Question

From a uniform disk of radius $\text{R}$, a circular hole of radius ${\displaystyle \frac{\text{R}}{2}}$ is cut out. The centre of the hole is at ${\displaystyle \frac{\text{R}}{2}}$ from the centre of the original disc. Locate the centre of gravity of the resulting flat body.

Answer 1

Hint: Assume that the mass per unit area of the uniform disc is $\sigma$ therefore the mass of the uniform disc is $\text{M = }\sigma \pi {\text{R}}^2$ and the mass of the small disc is $\sigma \pi {\left({\displaystyle \frac{\text{R}}{2}}\right)}^2={\displaystyle \frac{\sigma \pi {\text{R}}^2}{4}}={\displaystyle \frac{\text{M}}{4}}$
Formula used:
$\text{x = }{\displaystyle \frac{\left({\text{m}}_1{\text{r}}_1\text{ + }{\text{m}}_2{\text{r}}_2\right)}{\left({\text{m}}_1\text{ + }{\text{m}}_2\right)}}$
where $\text{x}$ is the distance through which the centre of gravity of the remaining portion shifts
and ${\text{m}}_1,{\text{r}}_1$ are the mass & radius of uniform disc and ${\text{m}}_2,{\text{r}}_2$ are the mass & radius of the small disc that has been cut.

Complete step-by-step solution -

Given that,
Radius of uniform disc $=\text{R}$
Radius of the smaller disc $={\displaystyle \frac{\text{R}}{2}}$
Let the mass per unit area of the original disc $=\sigma$
Therefore mass of the uniform disc $=\text{M = }\sigma \pi {\text{R}}^2$
And the mass of the small disc $\text{ = }\sigma \pi {\left({\displaystyle \frac{\text{R}}{2}}\right)}^2={\displaystyle \frac{\sigma \pi {\text{R}}^2}{4}}={\displaystyle \frac{\text{M}}{4}}$
Now as the small disc has been cut from the uniform disc, the remaining portion is considered to be a system of two masses.
The two masses are: $\text{M}$ (concentrated at O) & $-\text{M}$(concentrated at O')
(negative sign indicating above that the portion is removed from the uniform disc)
Let $\text{x}$ be the distance through which the centre of mass of the remaining portion shifts from point O.
The relation between the centre of masses of two masses is give as:
$$\begin{gathered} \text{x = }{\displaystyle \frac{\left({\text{m}}_1{\text{r}}_1\text{ + }{\text{m}}_2{\text{r}}_2\right)}{\left({\text{m}}_1\text{ + }{\text{m}}_2\right)}} \\ \text{x = }{\displaystyle \frac{\left[\left(\text{M}\times \text{0 - }{\displaystyle \frac{\text{M}}{4}}\right)\times \left({\displaystyle \frac{\text{R}}{2}}\right)\right]}{\left(\text{M - }{\displaystyle \frac{\text{M}}{4}}\right)}} \\ ={\displaystyle \frac{\left({\displaystyle \frac{-\text{MR}}{8}}\right)}{\left({\displaystyle \frac{3\text{M}}{4}}\right)}} \\ ={\displaystyle \frac{-4\text{R}}{24}} \\ \text{x = }{\displaystyle \frac{-\text{R}}{6}} \end{gathered}$$.

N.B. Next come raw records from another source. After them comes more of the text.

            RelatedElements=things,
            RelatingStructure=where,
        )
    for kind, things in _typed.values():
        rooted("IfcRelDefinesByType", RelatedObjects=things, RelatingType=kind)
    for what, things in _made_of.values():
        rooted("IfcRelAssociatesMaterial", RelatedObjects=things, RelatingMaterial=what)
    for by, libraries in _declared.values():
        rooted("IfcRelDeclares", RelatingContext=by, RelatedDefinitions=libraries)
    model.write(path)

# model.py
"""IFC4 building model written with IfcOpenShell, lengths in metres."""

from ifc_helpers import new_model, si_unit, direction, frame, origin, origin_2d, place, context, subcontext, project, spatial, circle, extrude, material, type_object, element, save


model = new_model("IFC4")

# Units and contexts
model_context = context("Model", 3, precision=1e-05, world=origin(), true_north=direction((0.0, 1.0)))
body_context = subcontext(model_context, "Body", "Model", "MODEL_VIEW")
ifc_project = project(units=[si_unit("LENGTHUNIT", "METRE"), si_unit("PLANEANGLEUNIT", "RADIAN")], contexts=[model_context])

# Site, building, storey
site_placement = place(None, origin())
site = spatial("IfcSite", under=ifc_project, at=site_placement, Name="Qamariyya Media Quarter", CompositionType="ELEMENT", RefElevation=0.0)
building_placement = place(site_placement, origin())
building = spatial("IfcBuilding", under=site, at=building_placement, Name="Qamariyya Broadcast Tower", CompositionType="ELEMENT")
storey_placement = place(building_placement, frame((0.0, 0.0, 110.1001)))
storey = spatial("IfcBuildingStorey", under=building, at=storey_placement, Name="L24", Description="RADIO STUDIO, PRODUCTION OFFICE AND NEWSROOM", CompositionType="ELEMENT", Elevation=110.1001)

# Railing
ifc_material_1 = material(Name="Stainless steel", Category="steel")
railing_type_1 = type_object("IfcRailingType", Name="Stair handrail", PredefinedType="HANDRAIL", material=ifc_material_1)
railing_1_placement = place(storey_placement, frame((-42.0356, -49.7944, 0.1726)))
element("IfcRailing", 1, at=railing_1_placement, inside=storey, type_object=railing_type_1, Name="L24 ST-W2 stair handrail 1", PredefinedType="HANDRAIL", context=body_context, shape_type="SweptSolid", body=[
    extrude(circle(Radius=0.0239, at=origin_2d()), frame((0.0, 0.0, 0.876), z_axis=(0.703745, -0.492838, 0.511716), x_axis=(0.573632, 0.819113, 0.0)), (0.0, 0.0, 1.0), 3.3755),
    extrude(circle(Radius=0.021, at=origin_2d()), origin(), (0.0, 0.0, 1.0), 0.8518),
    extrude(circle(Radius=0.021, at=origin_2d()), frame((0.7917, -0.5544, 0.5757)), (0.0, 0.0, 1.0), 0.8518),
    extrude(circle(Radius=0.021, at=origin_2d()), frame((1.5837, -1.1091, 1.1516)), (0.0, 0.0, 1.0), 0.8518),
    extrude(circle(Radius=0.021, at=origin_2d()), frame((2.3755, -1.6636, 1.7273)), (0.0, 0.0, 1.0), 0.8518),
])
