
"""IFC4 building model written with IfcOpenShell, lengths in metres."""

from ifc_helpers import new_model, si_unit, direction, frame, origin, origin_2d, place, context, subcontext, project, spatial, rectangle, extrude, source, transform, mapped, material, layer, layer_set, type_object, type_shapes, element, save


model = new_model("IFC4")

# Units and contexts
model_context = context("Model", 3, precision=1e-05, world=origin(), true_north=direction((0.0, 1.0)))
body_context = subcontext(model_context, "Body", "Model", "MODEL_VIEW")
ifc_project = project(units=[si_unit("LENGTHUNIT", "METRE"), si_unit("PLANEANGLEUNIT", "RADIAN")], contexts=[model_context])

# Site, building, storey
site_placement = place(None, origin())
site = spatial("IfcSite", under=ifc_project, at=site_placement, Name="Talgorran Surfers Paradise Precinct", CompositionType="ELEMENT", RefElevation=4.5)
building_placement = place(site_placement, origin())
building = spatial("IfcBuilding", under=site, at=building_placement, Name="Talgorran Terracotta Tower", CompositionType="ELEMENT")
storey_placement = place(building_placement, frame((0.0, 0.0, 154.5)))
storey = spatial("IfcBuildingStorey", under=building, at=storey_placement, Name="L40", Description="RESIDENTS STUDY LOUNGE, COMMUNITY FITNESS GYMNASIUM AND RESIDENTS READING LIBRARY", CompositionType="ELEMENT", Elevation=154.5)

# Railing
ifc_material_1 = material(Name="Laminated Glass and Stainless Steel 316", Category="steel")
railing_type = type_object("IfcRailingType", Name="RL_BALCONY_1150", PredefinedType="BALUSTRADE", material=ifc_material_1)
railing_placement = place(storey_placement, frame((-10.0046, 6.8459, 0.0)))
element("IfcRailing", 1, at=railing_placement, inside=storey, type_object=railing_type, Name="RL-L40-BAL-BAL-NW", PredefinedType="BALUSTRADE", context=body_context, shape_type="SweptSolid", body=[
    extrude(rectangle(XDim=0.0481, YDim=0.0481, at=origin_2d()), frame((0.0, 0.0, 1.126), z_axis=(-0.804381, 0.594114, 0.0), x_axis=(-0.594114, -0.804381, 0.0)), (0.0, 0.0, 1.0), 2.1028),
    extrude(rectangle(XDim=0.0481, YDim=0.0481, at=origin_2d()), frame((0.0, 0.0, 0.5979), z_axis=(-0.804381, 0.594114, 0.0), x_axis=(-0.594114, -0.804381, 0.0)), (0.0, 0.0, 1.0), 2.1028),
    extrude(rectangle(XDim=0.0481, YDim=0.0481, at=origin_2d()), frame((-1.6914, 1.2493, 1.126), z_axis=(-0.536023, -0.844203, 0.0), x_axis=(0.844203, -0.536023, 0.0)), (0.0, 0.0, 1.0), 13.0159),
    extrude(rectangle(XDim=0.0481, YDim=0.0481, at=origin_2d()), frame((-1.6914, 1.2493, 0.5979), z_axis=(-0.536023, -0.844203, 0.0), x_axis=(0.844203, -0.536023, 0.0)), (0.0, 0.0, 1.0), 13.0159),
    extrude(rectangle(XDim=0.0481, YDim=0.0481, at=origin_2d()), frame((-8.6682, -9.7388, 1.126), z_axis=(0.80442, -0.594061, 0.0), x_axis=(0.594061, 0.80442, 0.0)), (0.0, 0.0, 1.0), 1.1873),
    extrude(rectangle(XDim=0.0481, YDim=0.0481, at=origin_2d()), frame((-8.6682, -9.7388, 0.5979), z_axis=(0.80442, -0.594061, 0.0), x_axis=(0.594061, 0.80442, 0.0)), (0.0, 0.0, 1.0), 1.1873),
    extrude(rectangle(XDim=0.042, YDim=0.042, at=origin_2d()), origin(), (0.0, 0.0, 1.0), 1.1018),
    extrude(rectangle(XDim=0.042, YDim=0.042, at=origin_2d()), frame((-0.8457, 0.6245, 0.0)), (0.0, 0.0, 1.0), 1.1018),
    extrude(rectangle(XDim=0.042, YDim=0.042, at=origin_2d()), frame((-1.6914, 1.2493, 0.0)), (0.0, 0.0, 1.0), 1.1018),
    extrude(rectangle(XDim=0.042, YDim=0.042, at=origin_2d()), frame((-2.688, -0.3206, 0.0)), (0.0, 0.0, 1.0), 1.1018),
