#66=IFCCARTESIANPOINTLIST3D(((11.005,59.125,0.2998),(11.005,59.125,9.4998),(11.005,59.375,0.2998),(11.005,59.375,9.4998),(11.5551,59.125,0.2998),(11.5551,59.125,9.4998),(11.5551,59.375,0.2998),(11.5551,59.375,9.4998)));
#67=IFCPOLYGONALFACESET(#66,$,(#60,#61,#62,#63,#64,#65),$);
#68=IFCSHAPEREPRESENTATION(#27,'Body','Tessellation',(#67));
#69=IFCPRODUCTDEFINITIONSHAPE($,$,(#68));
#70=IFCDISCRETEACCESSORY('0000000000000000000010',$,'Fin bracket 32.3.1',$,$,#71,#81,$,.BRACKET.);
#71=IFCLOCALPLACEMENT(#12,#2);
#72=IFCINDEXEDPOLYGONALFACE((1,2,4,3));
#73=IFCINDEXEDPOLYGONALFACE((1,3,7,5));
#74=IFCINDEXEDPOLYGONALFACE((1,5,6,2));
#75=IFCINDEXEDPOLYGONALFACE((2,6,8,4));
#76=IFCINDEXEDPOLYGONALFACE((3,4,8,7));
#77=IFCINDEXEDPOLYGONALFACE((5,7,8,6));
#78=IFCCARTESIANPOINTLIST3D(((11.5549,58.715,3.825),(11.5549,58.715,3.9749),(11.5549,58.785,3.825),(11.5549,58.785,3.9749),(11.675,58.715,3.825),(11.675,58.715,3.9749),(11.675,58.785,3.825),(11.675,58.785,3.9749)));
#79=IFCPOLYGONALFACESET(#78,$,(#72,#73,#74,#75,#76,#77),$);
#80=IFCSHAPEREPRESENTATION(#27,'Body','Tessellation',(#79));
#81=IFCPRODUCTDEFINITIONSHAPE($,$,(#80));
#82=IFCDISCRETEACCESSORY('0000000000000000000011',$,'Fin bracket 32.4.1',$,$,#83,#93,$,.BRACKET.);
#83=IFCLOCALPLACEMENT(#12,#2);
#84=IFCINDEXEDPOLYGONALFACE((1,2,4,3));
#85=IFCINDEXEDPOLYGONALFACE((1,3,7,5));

Note: The relation between the centre of masses of two masses is calculated by the formula $\text{x = }{\displaystyle \frac{\left({\text{m}}_1{\text{r}}_1\text{ + }{\text{m}}_2{\text{r}}_2\right)}{\left({\text{m}}_1\text{ + }{\text{m}}_2\right)}}$ which is found to be ${\displaystyle \frac{-\text{R}}{6}}$ here the negative sign indicates that the centre of gravity of the resulting flat body gets shifted towards the left point O.